Anyway to answer the original queerie.

I personally don't think failure training is required for growth but you need to push your self a bit (a little bit or a big bit) to maintain stimulation for growth


----------



## Guest

Uriel said:


> That's what I mean mate - it's a motivational thing - I see a lot of people training well inside their comfort zone and I think pushing yourself is obviously an important aspect in stimulating growth.
> 
> These people may however "Think" they are training to failure.
> 
> It's too easy to say "til you can no longer perform a rep" because I can assure you on your "last rep" of a det when you have failed - if I said I was going to cut your ball off if you didn't do another 2.....I think you'd do them.....that's the motivational aspect.

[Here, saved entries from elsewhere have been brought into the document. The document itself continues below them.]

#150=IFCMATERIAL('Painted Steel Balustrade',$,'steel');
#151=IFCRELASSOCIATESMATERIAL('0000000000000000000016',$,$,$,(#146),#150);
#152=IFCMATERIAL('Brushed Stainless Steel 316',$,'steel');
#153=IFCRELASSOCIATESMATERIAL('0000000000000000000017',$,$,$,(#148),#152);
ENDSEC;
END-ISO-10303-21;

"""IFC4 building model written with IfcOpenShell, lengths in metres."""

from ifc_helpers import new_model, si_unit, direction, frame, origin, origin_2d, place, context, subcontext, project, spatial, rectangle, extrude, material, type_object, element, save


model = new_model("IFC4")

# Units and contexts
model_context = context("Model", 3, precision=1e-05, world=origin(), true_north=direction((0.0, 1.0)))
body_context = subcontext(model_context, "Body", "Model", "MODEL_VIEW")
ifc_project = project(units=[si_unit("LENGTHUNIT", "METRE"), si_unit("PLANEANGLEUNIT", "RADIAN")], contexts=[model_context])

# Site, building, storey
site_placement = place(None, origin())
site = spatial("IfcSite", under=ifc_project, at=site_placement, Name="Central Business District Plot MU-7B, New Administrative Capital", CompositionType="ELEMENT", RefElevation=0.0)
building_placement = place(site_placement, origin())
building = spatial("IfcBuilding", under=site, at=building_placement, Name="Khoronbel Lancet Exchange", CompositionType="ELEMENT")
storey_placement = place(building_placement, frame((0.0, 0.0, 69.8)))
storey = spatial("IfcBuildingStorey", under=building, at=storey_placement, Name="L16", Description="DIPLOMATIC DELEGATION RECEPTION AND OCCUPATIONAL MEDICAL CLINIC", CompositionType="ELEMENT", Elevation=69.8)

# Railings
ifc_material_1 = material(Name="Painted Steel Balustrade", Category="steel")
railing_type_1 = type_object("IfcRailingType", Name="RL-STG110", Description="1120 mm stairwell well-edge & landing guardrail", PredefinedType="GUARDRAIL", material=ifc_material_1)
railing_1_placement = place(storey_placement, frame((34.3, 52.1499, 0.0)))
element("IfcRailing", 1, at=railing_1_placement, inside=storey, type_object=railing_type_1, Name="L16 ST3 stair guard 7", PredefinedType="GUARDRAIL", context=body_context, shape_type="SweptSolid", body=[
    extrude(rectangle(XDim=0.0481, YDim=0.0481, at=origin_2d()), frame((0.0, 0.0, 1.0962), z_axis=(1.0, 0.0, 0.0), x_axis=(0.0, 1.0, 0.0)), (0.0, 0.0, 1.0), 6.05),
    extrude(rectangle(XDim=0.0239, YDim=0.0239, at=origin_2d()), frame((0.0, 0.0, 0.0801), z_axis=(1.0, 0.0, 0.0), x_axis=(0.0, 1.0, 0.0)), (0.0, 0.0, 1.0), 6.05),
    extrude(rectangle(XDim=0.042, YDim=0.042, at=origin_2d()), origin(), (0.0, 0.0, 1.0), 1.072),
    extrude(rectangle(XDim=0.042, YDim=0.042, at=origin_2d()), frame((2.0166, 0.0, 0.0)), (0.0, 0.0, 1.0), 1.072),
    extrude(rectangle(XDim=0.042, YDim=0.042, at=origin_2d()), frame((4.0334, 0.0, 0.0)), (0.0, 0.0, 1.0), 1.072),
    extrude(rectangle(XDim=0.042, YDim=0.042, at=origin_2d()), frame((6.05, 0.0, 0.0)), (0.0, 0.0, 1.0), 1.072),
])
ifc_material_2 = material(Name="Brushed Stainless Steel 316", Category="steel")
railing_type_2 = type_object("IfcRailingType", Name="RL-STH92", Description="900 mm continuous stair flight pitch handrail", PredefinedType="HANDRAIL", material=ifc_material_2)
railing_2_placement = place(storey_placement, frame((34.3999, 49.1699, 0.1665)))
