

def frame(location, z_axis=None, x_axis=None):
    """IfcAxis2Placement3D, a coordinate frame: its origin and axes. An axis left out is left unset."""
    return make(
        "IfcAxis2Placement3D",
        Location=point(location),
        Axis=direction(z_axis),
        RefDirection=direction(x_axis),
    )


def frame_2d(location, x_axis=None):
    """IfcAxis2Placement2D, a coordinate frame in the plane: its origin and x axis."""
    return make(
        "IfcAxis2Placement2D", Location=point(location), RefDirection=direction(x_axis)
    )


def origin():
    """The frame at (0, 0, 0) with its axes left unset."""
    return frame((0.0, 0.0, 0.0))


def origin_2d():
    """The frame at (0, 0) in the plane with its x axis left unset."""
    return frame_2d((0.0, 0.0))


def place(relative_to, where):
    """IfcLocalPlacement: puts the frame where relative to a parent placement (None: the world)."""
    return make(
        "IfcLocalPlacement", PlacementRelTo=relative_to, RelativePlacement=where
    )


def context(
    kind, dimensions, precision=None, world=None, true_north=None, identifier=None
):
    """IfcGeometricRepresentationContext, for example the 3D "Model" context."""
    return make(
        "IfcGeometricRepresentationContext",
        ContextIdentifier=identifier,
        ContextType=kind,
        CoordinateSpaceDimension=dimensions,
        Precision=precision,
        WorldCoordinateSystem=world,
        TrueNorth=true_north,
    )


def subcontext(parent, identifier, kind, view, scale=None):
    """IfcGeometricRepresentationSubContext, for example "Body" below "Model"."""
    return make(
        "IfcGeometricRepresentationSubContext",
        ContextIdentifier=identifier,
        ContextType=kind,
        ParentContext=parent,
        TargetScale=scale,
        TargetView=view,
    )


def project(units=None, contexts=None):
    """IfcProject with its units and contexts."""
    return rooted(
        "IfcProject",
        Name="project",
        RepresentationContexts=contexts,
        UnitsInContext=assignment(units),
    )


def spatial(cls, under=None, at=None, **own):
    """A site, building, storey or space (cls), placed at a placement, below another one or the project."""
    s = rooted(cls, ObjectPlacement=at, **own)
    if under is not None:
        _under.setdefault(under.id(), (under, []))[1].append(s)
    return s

So did you really fail the first time?


Lol, very true mate. This is why most people look like ****


----------



## essexboy

Con said:


> Lol, very true mate. This is why most people look like ****  [/quote
> 
> Im in agreement with the theory, that there exists a definate crossover point wherby growth is stimulated.Where this point is , or even if it is constant among the populus no-one knows.Perhaps, faliure isnt neccesary.Perhaps the crossover point is 78.3% of effort. maybe its 97.55%. the problem is,no-one knows the EXACT point(if it is constant), and besides its impossible to measure anything less than 100% ie total failure, anyway. So train to failure. You will then be assured of having reached the crossover point.For me, im totally comitted to this theory.Alaso i only perform one set per movement.Herein exists my motivation! I only have "one shot" otherwise my effort is wasted.this way i perform every set, with a gun to head mentality.


----------



## essexboy

marticus said:


> Hi con, agree with your last comments, You must enjoy your workouts, Failure training can be pretty scary. Take it from someone who was left for dead by Casey Viator, at arthur jones, R and D, in Deland, Florida, 1983. Demonstrating Nautilus. Which i imported. Still have nitro today. Also worked with Boyer coe, and Ellington Darden. The one set system i had to modify to 2 sets, was leaving customers in shock. I do try to sometimes go to failure on say the last set of a 15,12,10, whatever. Think you should make every rep count, after your warm up. Still a 3 set max man. myb:thumbup1:


Martin. im sure there is not a top bb alive who could survive being pushed through a Jones full body w/o, like Casey was subjected too.Perhaps this is why around 1986 Jones changed his mind , from 3x weekly training 12 sets to twice weekly 8 sets.i currently am using a nitro circuit once a week, 5 exercises full body routine.Supersmooth units.only issue is ive maxed out the leg press, which is not hard to do.


----------



## Natural1

Sometimes we have to use what knowledge we have and some basic common sense so I'll offer you my thoughts for what's its worth.

It's important to understand firstly that all a muscle fiber can do is contract/relax, nothing more nothing less. It doesn't know if it's being recruited in a failure rep or the first rep or on a 1 rep max or even throwing a light weight (stone) it knows nothing it can only contract in response to a degree of CNS output and relax.

Each contraction will contribute to the total amount of micro-trauma (protein degradation) which requires protein synthesis to be repaired (sarcomere hypertrophy)

The side effect of all this bio-mechanical work is metabolic fatigue (fuel/substrates etc) which contributes to the hypertrophy of the metabolic aspects of a muscle (sarcoplasmic hypertrophy)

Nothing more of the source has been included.